Thats what you say but Iraqs neighbor paid the price. So i guess we are in a position.

----------


## susano

> That should tell you to rethink your opinion.


I'm opposed to unjust wars. That's the biggest reason I supported Ron Paul. If some commie also happens to hold that position, I'm not going to change mine.

----------


## Swordsmyth

> The United States invaded Iraq. It was not justified. Once that happened, the US was in no position to be indignant about the next door neighbor of Iraq getting involved and killing US troops. To claim the US had or has any right to be indignant about it's forces getting killed by by a party they did not invade, while they were/are invaders and occupiers themselves, is madness. This is not about likeing the Iranian regime. It's about acknowledging that they had/have a legitimate interest in what goes on right next door. Western occupation of their neighbor poses a real threat to them.


We have just as much right to be indignant about someone we didn't attack killing us us Iraq had to be indignant that we attacked even though they did nothing to us.
Or are you going to say that Iraq had no right to be indignant we invaded when they attacked Kuwait?

Stop making excuses for Iran, Americans were not and are not fair game for Iran in Iraq.

----------


## Swordsmyth

> I'm opposed to unjust wars. That's the biggest reason I supported Ron Paul. If some commie also happens to hold that position, I'm not going to change mine.


I also am opposed to unjust wars but killing an enemy who killed our men is not unjust and this is not a war.

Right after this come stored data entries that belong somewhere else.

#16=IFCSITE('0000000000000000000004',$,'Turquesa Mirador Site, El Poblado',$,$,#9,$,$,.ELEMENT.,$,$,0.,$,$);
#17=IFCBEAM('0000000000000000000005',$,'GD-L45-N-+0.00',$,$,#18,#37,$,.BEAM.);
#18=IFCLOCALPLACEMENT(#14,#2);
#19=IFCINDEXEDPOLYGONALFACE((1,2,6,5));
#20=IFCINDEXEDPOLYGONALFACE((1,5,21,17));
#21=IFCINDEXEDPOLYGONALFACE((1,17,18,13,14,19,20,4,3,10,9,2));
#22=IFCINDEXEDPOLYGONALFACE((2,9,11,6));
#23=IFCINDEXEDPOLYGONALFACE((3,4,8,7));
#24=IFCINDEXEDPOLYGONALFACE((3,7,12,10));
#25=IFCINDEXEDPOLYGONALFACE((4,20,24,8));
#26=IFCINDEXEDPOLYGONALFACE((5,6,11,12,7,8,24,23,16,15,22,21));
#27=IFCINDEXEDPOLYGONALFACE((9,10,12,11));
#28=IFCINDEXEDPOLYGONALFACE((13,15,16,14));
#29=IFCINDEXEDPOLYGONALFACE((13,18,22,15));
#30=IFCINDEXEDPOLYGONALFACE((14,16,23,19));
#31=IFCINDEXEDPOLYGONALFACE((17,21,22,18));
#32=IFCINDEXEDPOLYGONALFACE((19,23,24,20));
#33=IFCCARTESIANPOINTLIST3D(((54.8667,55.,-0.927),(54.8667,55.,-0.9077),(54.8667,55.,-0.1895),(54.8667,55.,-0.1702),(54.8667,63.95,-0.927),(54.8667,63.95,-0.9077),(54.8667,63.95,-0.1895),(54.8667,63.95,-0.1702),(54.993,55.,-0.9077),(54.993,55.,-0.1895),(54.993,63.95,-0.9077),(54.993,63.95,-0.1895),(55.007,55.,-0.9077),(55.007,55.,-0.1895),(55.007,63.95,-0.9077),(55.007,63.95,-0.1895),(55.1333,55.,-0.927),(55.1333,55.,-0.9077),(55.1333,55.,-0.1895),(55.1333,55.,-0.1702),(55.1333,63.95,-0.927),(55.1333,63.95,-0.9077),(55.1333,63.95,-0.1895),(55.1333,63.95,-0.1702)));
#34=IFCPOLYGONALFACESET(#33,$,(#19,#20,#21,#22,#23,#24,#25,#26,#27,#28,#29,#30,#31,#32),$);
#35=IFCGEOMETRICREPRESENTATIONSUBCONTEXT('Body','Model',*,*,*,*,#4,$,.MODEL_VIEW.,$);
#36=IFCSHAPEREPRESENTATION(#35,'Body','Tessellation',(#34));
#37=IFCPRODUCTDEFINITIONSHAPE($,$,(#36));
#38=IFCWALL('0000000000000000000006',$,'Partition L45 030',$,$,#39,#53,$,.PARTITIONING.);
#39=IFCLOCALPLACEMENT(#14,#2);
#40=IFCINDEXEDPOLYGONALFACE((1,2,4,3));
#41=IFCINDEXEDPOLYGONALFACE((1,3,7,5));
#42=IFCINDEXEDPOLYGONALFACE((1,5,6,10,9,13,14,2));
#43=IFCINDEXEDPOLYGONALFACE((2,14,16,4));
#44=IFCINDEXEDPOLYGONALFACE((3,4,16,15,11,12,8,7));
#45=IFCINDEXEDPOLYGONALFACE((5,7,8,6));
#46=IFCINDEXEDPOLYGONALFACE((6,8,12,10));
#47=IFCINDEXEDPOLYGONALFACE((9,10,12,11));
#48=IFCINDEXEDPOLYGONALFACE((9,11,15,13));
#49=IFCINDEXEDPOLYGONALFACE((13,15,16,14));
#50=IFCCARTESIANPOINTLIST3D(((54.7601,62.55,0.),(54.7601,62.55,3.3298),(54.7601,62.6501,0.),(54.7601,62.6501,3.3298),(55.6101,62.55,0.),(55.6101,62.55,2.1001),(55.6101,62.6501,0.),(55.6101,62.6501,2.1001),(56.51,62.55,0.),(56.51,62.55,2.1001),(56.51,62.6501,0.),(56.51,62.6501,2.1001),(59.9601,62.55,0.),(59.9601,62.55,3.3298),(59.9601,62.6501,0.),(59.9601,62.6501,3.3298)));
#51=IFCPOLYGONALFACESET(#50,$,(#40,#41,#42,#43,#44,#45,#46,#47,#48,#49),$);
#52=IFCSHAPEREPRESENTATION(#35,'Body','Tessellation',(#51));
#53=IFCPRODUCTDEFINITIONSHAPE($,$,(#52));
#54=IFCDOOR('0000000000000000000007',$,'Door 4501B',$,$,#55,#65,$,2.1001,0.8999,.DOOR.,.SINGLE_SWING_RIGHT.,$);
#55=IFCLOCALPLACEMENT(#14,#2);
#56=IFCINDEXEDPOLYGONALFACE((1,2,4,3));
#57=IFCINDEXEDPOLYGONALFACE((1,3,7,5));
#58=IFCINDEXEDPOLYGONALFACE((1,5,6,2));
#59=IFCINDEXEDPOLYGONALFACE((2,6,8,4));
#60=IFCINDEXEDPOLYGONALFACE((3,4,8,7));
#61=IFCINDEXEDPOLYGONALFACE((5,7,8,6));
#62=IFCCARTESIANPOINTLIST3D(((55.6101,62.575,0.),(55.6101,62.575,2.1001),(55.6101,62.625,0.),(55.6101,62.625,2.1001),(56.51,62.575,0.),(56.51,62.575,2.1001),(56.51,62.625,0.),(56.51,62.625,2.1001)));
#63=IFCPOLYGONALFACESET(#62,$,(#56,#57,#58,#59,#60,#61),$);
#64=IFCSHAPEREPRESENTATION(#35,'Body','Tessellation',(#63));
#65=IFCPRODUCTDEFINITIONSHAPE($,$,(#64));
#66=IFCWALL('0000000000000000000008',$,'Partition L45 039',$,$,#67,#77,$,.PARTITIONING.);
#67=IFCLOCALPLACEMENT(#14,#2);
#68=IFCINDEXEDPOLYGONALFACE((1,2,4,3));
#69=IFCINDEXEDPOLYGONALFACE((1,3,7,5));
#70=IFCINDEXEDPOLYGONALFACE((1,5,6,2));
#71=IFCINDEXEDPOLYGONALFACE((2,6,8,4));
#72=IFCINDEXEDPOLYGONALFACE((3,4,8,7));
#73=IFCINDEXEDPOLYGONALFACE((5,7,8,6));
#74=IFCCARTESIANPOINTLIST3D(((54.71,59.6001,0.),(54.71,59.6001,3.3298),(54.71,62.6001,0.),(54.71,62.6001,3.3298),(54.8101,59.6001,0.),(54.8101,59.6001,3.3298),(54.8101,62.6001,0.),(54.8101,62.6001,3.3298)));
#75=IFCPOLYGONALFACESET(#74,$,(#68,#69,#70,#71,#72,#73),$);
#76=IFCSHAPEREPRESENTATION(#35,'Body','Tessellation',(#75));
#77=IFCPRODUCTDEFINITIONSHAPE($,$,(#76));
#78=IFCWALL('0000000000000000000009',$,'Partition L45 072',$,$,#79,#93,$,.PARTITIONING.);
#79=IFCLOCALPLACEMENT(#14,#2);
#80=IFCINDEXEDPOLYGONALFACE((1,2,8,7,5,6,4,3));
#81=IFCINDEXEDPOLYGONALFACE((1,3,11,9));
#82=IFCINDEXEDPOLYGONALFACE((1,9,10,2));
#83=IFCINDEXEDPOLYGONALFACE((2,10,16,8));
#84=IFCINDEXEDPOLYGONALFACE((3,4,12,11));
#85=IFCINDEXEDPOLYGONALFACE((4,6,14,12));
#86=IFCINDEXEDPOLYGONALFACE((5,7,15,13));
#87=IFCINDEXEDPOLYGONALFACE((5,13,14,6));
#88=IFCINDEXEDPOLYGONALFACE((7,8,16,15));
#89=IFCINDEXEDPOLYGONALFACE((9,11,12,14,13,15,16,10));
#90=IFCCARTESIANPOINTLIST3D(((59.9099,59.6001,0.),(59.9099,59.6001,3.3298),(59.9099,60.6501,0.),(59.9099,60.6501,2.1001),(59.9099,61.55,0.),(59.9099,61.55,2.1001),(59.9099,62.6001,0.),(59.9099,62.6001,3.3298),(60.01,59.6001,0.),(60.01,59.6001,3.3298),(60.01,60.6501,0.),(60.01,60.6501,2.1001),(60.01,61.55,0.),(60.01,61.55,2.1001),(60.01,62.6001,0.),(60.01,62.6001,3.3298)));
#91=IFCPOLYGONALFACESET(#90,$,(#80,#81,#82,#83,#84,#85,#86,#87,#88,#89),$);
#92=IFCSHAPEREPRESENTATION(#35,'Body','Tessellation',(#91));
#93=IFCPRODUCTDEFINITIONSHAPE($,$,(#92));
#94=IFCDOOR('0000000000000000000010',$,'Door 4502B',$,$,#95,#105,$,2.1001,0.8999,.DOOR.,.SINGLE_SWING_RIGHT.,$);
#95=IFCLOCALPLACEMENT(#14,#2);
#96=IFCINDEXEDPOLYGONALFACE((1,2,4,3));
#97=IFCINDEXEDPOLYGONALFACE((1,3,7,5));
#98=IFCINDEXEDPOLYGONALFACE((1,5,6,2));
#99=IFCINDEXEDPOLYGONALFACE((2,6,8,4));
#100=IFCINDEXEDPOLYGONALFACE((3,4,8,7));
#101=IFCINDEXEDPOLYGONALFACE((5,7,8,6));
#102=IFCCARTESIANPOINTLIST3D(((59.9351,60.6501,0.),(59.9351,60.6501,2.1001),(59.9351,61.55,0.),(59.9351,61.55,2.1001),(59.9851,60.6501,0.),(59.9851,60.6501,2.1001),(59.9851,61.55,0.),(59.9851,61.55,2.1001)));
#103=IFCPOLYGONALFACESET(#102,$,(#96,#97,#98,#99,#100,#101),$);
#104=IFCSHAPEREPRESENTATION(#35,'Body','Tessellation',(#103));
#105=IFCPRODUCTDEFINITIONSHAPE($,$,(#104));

And zippy is twisting the facts in that post.

----------


## AngryCanadian

> We have just as much right to be indignant about someone we didn't attack killing us us Iraq had to be indignant that we attacked even though they did nothing to us.
> Or are you going to say that Iraq had no right to be indignant we invaded when they attacked Kuwait?
> 
> Stop making excuses for Iran, Americans were not and are not fair game for Iran in Iraq.





> Or are you going to say that Iraq had no right to be indignant we invaded when they attacked Kuwait?

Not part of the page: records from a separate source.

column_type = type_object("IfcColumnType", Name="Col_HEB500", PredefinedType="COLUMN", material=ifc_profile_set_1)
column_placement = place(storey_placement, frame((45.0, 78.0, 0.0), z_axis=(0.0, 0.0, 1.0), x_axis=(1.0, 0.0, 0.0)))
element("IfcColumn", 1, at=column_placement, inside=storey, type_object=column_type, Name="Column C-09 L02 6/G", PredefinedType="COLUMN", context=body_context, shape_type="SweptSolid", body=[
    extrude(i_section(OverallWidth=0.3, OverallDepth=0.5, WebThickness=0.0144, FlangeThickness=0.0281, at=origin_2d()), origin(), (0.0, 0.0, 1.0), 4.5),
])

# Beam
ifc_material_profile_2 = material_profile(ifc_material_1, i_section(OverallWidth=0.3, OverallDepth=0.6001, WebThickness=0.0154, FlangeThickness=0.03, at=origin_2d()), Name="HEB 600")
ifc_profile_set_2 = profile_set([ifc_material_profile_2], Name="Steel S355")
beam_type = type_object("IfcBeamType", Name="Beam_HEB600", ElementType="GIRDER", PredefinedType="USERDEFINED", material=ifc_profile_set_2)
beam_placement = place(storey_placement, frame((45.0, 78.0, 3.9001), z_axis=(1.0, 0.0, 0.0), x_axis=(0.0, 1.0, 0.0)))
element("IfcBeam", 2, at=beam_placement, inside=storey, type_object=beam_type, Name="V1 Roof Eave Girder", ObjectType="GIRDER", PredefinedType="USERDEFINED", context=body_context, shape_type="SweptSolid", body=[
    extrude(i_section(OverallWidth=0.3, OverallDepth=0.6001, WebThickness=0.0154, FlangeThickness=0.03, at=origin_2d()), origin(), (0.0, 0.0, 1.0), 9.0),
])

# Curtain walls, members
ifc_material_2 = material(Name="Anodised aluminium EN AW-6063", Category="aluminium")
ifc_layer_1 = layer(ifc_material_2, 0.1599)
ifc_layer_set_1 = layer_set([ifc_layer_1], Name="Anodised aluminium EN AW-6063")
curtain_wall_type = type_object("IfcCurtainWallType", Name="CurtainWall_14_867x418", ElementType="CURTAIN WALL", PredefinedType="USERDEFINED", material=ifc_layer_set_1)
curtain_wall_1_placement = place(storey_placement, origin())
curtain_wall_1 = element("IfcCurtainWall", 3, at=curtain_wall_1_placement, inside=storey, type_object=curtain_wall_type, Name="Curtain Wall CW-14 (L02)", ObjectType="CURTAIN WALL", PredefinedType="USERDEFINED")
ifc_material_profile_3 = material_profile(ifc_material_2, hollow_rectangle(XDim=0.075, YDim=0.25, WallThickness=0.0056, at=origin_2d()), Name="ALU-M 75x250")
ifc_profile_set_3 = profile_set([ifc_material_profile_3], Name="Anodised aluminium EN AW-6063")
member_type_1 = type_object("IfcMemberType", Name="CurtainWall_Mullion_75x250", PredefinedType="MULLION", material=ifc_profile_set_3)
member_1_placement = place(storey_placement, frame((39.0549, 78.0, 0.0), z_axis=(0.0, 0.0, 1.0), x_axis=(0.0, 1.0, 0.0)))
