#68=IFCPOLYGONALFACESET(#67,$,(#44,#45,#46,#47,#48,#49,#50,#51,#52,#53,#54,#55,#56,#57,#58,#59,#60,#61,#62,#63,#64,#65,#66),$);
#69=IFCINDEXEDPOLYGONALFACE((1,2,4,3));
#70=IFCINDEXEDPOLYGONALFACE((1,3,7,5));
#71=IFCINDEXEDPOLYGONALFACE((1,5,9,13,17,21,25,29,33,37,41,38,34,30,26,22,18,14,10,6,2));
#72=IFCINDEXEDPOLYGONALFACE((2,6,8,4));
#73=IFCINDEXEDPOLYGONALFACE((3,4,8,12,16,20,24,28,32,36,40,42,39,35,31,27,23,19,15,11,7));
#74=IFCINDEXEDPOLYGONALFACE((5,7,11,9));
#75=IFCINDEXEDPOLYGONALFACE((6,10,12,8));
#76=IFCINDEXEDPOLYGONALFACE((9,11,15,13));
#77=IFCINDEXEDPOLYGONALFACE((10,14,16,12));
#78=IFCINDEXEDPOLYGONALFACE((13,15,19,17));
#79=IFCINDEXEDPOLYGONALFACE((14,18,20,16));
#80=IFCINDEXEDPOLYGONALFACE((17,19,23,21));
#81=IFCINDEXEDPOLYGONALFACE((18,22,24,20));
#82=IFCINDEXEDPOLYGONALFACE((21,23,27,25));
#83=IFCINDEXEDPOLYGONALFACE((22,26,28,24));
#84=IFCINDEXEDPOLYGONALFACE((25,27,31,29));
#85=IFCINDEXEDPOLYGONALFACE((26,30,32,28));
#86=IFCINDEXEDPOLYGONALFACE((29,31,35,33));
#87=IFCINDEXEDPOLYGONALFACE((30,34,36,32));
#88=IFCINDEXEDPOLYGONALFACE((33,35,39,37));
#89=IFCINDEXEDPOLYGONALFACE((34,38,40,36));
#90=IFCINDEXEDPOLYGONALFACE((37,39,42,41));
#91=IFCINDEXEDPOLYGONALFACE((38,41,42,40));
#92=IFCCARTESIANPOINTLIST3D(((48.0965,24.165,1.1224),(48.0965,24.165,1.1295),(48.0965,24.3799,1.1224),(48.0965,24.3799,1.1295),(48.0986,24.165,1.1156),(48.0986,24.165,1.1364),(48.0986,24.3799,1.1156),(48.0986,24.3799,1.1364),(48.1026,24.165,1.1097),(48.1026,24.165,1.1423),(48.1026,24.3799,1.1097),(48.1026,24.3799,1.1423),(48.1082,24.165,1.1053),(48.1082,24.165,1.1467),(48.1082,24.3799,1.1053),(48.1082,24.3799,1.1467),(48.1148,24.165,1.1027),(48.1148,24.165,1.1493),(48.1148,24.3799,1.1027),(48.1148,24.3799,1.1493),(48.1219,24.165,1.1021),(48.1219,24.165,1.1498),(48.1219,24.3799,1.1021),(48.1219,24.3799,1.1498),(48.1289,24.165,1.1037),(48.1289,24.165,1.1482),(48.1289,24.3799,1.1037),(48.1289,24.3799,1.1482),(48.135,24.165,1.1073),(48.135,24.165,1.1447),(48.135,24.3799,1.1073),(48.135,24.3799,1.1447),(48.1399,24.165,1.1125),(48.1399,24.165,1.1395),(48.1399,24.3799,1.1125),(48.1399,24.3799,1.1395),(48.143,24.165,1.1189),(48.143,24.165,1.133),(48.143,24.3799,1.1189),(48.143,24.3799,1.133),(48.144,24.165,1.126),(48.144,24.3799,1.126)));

Or like how you Americans sided with the terrorist Albanians KLA and attacked Serbia bombed it for 80 days, destroying and poisoning civilians? and forcing Serbia to accpet surrender and allow Kosovo to be military occupied even to this day?

You Americans really don't have a good world rep right now and this attack in Iraq agaisnt Iran is not going to help your world image.

----------


## Swordsmyth

> Or like how you Americans sided with the terrorist Albanians KLA and attacked Serbia bombed it for 80 days, destroying and poisoning civilians? and forcing Serbia to accpet surrender and allow Kosovo to be military occupied even to this day?
> 
> You Americans really don't have a good world rep right now and this attack in Iraq agaisnt Iran is not going to help your world image.


Completely irrelevant.

----------


## susano

> I hated to do it, but I had to break out the Wikipedia.  The Kurds are Sunni.
> 
> This makes sense now, based on Hussein's attempted incursions into Iran.  
> 
> Flashback to Scott Ritter's 2007ish "Calling Out Idiot America." 
> 
> 
> 
> 
> ...


Some Kurds (PKK) are atheist communists, as well. Very complicated situation over there and all the more reason the US has no $#@!ing business there.

----------


## susano

> When you Americans imposed sanctions on Yugoslavia and in Bosnia it was impossible to buy or to find bread because of the prices had gone up because of the sanctions. Decades sanctions are still felt across the region.
> 
> The only way you had food was if you saw some Jihadists patrolling in some Muslim proxy groups occupied towns. Or at least if you stayed near the NATO/UN/American forces....


Are you Serb or from the former Yugoslavia? 

Balkans. Even more complex than the middle east!

----------


## susano

> Iran has been killing Americans in Iraq for many years.
> They should have been thanking us for taking out Saddam for them.


The US and the Brits overthrew the elected govt of Iran, installed the Shah as a puppet, who was brutal to all Iranian dissenters which led to the backlash of of the Islamic revolution. The US backed Saddam Hussein in a war against iran in which hundreds of thousands were killed, including with chemical weapons. Then the US killed their puppet, Saddam. The Iranians were/are not about to thank the US for anything.

----------


## Swordsmyth

> The US and the Brits overthrew the elected govt of Iran, installed the Shah as a puppet, who was brutal to all Iranian dissenters which led to the backlash of of the Islamic revolution. The US backed Saddam Hussein in a war against iran in which hundreds of thousands were killed, including with chemical weapons. Then the US killed their puppet, Saddam. The Iranians were/are not about to thank the US for anything.


I understand all that.
But it doesn't give them a license to kill Americans in Iraq.

----------


## susano

> 


Precisely and it's the same thing with Russia who is totally surrounded by US and NATO bases.

----------


## Swordsmyth

> Precisely and it's the same thing with Russia who is totally surrounded by US and NATO bases.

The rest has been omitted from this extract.